|Total run-time efficiency (all solution phases) for parallel MLFMM
solution of a problem with 3.18 million unknowns.
Many modern computer systems make use of multiple processing units in order to improve computing performance. Such systems include:
- simple multicore CPUs (i.e. one computer with one CPU having multiple cores),
- multi-CPU PCs and SMP workstations (symmetric multiprocessor, typically 2 to 8 CPUs),
- large massively parallel distributed systems with typically 128 to 1024 CPUs (which can again be multicore).
In order to gain the most benefit from the computational hardware, parallel versions of FEKO support state-of-the-art interconnect technologies like GigE, Myrinet, Infiniband or vendor proprietary interconnects like the SGI NumaFlex technology.
In FEKO all the solution phases for all the various numerical techniques have been parallelised, e.g. the ray-tracing for UTD, the MoM matrix setup and solution, the near- and far-field calculations and also seemingly simple things such as power loss computations.
|MoM factor time decreasing with increasing
number of processes
We are very proud of the parallel efficiency of the MLFMM in FEKO. Even for this mathematically complex technique all the phases of the solution process (near-field matrix setup, aggregation, translation, disaggregation, pre-conditioning, iterative solution etc.) have been parallelised rigorously. The efficiency of the parallel implementation in FEKO is in the order of 80% to 95%, depending on the problem and the solution phase etc. This means that for a system with 32 cores the run-time would be approximately 26 times (0.8*32) faster than on a sequential run, i.e. a single core.
MoM parallelisation is optimized for both shared and distributed memory computers and clusters to maximally utilize RAM and available CPU cores in such systems. Special coding techniques ensure highly efficient scaling of parallel processed MoM solutions with increasing unknowns or number of processes.
Distributed/Shared Memory Hybridisation Optimized
FEKO is designed to use the RAM available in any computing system as optimally as possible.
Distributed memory parallellization breaks up large blocks of memory for simulation on different nodes in a multi-node cluster computing system. To save processing time FEKO limits communication between processors by making identical copies of information that is often required and sending such a block to each node in the cluster.
|Distributed memory parallellization for a multi-core CPU computer|
In multi-core CPU and/or server architectures where multiple CPUs and cores are located on the same motherboard, sharing a block of RAM that contains relevant information is the ideal implementation.

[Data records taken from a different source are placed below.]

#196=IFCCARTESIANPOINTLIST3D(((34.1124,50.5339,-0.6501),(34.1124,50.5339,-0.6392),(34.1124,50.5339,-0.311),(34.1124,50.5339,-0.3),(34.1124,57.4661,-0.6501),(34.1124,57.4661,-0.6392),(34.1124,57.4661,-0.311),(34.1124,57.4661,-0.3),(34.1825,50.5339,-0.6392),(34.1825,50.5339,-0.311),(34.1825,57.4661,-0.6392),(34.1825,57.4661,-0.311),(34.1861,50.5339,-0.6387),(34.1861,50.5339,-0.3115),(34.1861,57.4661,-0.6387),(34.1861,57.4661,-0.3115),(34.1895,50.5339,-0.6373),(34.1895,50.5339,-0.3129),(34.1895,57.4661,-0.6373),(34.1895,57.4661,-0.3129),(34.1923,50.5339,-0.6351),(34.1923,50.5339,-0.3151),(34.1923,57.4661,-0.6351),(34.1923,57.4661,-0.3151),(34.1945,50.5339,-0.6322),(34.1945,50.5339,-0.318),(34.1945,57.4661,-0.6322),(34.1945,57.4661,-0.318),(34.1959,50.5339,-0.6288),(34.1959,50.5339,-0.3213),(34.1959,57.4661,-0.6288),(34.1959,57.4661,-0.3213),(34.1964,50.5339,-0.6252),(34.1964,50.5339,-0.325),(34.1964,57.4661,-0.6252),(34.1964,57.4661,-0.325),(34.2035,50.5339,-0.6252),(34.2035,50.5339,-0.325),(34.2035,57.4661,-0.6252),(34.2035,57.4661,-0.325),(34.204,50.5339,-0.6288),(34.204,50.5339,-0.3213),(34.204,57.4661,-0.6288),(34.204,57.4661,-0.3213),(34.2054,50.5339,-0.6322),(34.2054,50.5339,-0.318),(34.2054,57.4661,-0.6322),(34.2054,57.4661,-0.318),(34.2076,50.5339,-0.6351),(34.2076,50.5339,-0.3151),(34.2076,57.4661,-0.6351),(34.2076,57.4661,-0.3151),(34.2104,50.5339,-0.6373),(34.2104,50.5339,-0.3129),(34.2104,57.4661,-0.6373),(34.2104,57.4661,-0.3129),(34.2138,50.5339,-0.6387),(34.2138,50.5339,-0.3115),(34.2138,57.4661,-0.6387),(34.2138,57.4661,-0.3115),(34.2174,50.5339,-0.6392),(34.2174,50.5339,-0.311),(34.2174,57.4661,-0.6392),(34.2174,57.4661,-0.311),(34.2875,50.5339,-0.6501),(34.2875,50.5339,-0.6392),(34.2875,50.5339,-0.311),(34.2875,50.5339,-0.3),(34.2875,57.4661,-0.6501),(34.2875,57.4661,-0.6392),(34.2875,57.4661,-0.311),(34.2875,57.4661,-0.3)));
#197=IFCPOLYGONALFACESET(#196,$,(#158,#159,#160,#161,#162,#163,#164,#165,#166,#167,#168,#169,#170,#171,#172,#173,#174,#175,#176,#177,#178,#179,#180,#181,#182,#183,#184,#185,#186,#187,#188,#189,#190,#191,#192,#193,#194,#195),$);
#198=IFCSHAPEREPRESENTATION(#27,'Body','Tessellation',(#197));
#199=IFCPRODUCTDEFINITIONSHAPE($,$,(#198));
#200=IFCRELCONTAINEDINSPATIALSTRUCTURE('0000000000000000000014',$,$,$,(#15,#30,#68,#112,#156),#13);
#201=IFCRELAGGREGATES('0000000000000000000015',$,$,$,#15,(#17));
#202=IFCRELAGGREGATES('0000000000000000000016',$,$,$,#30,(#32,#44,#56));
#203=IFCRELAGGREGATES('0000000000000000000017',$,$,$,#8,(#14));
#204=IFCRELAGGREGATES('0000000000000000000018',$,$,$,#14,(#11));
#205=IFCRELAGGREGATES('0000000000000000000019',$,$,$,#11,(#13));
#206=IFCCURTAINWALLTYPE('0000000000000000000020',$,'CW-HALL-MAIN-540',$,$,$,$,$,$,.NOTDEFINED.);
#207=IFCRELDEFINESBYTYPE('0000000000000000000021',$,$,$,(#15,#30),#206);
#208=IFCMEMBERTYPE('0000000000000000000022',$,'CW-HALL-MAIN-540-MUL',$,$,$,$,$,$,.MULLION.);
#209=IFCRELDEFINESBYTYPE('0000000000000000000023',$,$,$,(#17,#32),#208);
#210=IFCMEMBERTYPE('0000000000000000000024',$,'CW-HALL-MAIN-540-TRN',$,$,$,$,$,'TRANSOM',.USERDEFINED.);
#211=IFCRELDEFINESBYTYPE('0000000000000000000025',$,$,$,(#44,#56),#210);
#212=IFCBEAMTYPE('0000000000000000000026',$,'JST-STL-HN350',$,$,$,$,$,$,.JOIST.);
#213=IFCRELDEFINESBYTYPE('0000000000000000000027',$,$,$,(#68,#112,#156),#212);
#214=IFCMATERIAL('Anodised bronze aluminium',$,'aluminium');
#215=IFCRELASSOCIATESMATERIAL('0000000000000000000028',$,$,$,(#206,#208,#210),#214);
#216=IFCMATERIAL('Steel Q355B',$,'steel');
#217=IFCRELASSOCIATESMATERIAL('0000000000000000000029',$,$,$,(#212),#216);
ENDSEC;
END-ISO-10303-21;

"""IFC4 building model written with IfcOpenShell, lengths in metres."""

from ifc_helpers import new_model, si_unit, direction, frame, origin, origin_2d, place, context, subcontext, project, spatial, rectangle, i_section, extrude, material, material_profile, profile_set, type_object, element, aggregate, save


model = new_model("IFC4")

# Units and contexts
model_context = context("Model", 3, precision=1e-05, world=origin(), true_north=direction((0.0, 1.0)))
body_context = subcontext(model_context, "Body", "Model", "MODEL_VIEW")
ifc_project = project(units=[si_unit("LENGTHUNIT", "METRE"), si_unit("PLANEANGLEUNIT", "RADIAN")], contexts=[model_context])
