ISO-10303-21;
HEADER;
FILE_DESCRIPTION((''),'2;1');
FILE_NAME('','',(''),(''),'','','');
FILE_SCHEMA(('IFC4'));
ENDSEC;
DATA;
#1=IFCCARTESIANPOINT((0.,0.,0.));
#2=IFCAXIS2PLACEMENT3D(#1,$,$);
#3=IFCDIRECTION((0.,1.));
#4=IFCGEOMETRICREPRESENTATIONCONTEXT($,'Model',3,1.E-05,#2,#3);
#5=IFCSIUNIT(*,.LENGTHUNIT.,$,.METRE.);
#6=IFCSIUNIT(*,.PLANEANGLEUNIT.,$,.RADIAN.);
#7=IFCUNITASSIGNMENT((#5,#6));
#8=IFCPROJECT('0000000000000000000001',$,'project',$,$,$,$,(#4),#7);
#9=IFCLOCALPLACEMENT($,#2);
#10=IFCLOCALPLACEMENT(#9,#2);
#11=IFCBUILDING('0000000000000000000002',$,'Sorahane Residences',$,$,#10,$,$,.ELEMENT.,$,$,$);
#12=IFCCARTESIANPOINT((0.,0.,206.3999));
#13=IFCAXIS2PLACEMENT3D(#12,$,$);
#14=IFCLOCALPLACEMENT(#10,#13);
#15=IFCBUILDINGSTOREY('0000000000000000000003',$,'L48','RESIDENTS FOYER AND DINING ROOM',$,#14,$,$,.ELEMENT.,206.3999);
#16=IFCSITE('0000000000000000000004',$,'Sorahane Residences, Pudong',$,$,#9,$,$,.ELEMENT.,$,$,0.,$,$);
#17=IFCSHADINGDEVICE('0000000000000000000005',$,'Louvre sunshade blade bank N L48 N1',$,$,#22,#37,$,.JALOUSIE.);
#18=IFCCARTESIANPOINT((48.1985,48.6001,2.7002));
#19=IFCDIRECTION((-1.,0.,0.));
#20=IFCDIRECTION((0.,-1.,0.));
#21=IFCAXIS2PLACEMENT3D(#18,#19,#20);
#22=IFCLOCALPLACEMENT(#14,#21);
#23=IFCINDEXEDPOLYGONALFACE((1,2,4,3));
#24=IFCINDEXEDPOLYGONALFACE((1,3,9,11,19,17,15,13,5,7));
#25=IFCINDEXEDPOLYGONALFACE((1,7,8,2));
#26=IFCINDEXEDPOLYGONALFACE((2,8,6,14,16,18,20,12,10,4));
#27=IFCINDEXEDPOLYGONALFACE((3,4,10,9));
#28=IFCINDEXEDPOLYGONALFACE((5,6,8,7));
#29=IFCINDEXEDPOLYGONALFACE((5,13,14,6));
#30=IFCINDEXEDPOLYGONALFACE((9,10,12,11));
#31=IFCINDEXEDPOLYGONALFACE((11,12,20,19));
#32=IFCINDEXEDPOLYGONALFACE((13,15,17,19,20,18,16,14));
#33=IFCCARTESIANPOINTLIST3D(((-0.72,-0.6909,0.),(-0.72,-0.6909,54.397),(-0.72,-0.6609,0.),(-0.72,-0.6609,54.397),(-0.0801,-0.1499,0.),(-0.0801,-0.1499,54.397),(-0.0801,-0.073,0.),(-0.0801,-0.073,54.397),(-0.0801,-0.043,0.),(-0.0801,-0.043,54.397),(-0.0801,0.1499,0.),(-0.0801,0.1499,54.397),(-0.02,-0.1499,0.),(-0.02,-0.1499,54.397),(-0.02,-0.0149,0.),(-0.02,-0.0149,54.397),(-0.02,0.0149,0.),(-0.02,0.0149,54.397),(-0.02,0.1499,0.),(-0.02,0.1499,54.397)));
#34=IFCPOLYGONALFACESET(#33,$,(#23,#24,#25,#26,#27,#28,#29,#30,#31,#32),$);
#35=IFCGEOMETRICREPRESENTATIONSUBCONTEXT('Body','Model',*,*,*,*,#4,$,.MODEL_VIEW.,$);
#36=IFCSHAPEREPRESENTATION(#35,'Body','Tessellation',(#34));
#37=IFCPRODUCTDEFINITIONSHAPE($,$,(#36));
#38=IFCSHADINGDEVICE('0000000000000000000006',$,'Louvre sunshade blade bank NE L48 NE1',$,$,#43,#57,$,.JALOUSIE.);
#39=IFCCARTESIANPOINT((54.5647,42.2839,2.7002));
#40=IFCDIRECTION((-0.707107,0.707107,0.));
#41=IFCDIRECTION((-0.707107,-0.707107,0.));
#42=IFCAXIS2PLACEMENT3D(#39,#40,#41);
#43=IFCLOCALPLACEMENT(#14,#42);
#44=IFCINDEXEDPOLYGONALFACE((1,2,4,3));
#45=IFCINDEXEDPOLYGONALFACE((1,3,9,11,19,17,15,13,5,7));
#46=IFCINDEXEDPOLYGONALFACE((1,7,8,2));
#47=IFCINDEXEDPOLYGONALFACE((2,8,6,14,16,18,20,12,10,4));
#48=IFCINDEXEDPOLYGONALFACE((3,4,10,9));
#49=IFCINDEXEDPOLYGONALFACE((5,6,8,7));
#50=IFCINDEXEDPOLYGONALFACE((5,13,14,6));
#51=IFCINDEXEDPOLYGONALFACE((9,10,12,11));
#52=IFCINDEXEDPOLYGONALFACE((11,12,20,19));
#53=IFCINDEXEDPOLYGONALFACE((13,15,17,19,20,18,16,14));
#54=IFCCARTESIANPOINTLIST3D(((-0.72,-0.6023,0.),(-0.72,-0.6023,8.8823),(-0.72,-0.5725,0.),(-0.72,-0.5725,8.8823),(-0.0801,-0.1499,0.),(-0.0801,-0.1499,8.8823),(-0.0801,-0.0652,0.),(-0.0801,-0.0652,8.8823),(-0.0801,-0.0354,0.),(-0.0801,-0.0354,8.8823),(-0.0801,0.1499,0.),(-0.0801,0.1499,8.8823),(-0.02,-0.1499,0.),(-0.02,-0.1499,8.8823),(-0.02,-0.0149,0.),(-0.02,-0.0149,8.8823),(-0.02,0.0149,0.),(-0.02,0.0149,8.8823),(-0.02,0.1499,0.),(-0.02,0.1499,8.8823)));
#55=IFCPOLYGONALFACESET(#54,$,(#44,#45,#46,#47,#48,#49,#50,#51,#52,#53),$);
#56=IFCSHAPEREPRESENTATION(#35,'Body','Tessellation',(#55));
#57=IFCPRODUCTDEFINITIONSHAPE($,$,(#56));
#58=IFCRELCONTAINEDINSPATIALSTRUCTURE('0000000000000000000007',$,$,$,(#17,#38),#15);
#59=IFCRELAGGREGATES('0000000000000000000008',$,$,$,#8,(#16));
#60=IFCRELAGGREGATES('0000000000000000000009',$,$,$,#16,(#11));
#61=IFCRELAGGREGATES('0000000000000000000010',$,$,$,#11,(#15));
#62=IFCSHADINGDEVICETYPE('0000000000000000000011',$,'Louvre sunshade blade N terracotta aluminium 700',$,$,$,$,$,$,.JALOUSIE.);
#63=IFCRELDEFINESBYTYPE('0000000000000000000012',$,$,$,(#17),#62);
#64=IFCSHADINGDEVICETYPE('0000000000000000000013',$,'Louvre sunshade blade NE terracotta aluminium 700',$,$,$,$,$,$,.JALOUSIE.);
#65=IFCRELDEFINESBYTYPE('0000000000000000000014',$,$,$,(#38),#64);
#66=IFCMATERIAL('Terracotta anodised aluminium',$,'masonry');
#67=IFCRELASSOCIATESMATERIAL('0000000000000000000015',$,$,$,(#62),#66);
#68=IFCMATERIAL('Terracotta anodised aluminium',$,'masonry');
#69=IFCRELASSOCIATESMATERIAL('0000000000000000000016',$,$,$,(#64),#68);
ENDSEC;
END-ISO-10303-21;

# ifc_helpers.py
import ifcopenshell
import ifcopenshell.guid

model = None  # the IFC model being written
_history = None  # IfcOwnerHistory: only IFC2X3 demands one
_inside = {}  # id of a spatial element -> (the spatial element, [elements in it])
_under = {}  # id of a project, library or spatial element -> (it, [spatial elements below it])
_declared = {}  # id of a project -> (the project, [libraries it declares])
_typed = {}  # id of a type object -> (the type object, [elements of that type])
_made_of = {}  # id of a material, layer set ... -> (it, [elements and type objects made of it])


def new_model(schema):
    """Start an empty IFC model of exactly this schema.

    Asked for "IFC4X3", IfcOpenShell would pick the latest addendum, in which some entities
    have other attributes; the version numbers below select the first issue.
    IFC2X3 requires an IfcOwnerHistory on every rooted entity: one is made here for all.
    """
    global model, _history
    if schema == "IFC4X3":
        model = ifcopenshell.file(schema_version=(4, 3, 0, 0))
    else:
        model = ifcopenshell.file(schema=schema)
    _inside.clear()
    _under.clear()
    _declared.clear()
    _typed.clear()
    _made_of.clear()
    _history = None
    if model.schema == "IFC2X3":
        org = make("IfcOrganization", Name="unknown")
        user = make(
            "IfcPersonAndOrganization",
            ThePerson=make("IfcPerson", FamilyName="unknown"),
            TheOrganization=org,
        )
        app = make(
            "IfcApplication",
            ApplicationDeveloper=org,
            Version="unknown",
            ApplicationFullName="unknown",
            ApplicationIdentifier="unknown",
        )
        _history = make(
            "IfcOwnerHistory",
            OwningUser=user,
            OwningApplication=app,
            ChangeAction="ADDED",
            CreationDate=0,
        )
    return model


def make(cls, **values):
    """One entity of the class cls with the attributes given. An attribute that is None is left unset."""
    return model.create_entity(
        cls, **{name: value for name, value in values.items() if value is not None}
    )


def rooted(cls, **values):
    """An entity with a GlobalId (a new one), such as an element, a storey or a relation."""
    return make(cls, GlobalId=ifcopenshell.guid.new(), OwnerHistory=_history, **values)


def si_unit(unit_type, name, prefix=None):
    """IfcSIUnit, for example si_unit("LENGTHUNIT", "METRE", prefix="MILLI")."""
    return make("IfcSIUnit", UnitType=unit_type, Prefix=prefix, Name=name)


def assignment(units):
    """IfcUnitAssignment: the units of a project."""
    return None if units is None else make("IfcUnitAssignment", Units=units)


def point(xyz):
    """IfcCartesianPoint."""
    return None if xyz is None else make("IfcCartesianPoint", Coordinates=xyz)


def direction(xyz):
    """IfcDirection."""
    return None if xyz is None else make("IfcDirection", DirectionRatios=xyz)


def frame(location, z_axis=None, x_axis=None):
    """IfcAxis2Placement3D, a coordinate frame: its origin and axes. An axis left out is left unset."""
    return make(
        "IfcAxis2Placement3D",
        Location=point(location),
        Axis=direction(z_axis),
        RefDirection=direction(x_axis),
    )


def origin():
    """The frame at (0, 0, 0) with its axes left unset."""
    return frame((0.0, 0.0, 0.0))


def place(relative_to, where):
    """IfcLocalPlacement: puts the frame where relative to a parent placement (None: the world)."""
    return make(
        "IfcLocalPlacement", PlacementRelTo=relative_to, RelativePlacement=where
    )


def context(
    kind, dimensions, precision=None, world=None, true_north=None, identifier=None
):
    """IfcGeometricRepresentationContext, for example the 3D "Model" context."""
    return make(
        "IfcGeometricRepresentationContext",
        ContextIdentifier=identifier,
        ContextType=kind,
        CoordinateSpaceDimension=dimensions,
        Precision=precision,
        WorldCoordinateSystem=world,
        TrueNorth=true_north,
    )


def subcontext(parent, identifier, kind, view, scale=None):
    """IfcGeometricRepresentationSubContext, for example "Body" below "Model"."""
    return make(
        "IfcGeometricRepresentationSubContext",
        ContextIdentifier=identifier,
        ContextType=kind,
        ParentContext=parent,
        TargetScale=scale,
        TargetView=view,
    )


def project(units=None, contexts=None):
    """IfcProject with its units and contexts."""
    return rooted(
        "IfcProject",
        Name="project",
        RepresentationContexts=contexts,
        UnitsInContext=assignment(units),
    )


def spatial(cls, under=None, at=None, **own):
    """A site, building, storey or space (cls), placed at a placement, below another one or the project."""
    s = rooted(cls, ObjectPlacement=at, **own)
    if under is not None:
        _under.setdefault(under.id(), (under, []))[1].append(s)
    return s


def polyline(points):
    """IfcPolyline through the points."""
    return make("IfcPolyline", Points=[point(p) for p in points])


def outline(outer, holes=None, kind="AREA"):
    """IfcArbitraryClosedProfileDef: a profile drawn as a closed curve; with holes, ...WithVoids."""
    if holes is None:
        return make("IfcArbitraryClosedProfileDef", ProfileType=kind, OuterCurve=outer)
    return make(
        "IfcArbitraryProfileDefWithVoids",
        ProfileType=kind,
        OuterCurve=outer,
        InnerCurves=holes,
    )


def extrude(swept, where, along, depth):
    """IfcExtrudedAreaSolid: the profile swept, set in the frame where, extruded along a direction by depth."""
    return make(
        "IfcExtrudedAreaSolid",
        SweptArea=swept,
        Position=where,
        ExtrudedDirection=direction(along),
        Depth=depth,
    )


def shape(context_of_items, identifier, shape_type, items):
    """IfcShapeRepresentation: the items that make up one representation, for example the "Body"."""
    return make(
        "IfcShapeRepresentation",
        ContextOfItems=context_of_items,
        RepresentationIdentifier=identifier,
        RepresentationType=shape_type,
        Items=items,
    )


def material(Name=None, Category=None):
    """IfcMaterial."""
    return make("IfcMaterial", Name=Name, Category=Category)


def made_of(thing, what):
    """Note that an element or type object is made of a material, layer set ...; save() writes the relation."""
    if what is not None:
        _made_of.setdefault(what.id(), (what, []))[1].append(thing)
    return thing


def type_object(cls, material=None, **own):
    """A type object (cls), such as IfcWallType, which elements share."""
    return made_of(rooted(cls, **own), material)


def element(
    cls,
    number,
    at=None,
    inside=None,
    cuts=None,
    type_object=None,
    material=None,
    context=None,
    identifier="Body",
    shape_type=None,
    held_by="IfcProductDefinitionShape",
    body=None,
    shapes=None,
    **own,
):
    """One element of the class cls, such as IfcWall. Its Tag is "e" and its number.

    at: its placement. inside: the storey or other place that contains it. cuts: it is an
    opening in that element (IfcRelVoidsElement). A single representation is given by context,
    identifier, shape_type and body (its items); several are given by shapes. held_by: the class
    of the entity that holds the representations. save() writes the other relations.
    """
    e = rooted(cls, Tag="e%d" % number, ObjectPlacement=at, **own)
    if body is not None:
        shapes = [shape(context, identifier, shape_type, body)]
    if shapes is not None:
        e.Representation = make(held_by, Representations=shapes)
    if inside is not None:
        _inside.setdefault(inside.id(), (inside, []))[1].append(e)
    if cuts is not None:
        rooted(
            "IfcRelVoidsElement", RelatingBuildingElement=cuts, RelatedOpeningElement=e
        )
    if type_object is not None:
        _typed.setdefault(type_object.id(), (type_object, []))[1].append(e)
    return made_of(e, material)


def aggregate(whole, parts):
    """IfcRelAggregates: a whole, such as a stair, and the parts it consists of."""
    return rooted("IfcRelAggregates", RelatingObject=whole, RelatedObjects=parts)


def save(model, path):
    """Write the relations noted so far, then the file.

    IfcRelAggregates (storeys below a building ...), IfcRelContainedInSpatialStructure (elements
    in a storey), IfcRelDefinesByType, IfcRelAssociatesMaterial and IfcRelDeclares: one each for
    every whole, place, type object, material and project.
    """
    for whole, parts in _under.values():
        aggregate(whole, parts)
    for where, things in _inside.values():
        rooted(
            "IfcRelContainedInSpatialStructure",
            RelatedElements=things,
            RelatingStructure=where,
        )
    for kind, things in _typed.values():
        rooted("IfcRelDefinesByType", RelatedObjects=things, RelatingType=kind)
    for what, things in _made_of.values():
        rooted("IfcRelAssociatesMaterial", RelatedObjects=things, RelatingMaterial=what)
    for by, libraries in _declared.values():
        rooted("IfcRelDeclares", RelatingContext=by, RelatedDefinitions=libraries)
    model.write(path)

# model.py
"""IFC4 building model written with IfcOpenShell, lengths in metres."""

from ifc_helpers import new_model, si_unit, direction, frame, origin, place, context, subcontext, project, spatial, polyline, outline, extrude, material, type_object, element, save


model = new_model("IFC4")

# Units and contexts
model_context = context("Model", 3, precision=1e-05, world=origin(), true_north=direction((0.0, 1.0)))
body_context = subcontext(model_context, "Body", "Model", "MODEL_VIEW")
ifc_project = project(units=[si_unit("LENGTHUNIT", "METRE"), si_unit("PLANEANGLEUNIT", "RADIAN")], contexts=[model_context])

# Site, building, storey
site_placement = place(None, origin())
site = spatial("IfcSite", under=ifc_project, at=site_placement, Name="Sorahane Residences, Pudong", CompositionType="ELEMENT", RefElevation=0.0)
building_placement = place(site_placement, origin())
building = spatial("IfcBuilding", under=site, at=building_placement, Name="Sorahane Residences", CompositionType="ELEMENT")
storey_placement = place(building_placement, frame((0.0, 0.0, 206.3999)))
storey = spatial("IfcBuildingStorey", under=building, at=storey_placement, Name="L48", Description="RESIDENTS FOYER AND DINING ROOM", CompositionType="ELEMENT", Elevation=206.3999)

Each core can address any memory block in the shared RAM and copies of important information is not necessary to speed up computation. Such processing architectures are catered for in FEKO with shared memory parallellization.
|Shared memory parallellization for a multi-core CPU computer|
Distributed and shared memory parallellization is also hybridised in FEKO for multi-node computing clusters made up of multiple muti-core CPUs.
|Hybridised memory parallellization in a multi-core two CPU computing system|
Intel Cluster Ready
The "Intel Cluster Ready" program facilitates easier design, build and deployment of cluster computers. Intel works with system and software vendors to provide you with certified Linux-based systems clusters based on the Intel Cluster Ready architecture to assure application compatibility and ease of deployment.
FEKO is dedicated to improving the performance of our software in cluster computing environments and work closely with Intel engineers in this endeavour. As such FEKO was first certified as ISV by Intel in 2007 and may since proudly brand our software with the Intel Cluster Ready logo. This means that FEKO customers can purchase an Intel Cluster Ready certified computer with the confidence that FEKO has been qualified on this computing environment and will work straight out of the box.
More information on this initiative can be found on the Intel Cluster Ready website. These are our preferred Intel Cluster Ready hardware providers:
Windows HPC Server Ready
Windows HPC Server provides a productive, cost-effective, and high-performance computing (HPC) solution that runs on x64-bit hardware. In addition to supporting OpenMP, MPI, and Web Services, Windows HPC Server also supports third-party numerical library providers, performance optimizers, compilers, and a native parallel debugger for developing and troubleshooting parallel programs.
FEKO has been optimised for use on high performance parallel processing systems and as such it is important to FEKO to maintain compatibility with Microsoft's HPC Server.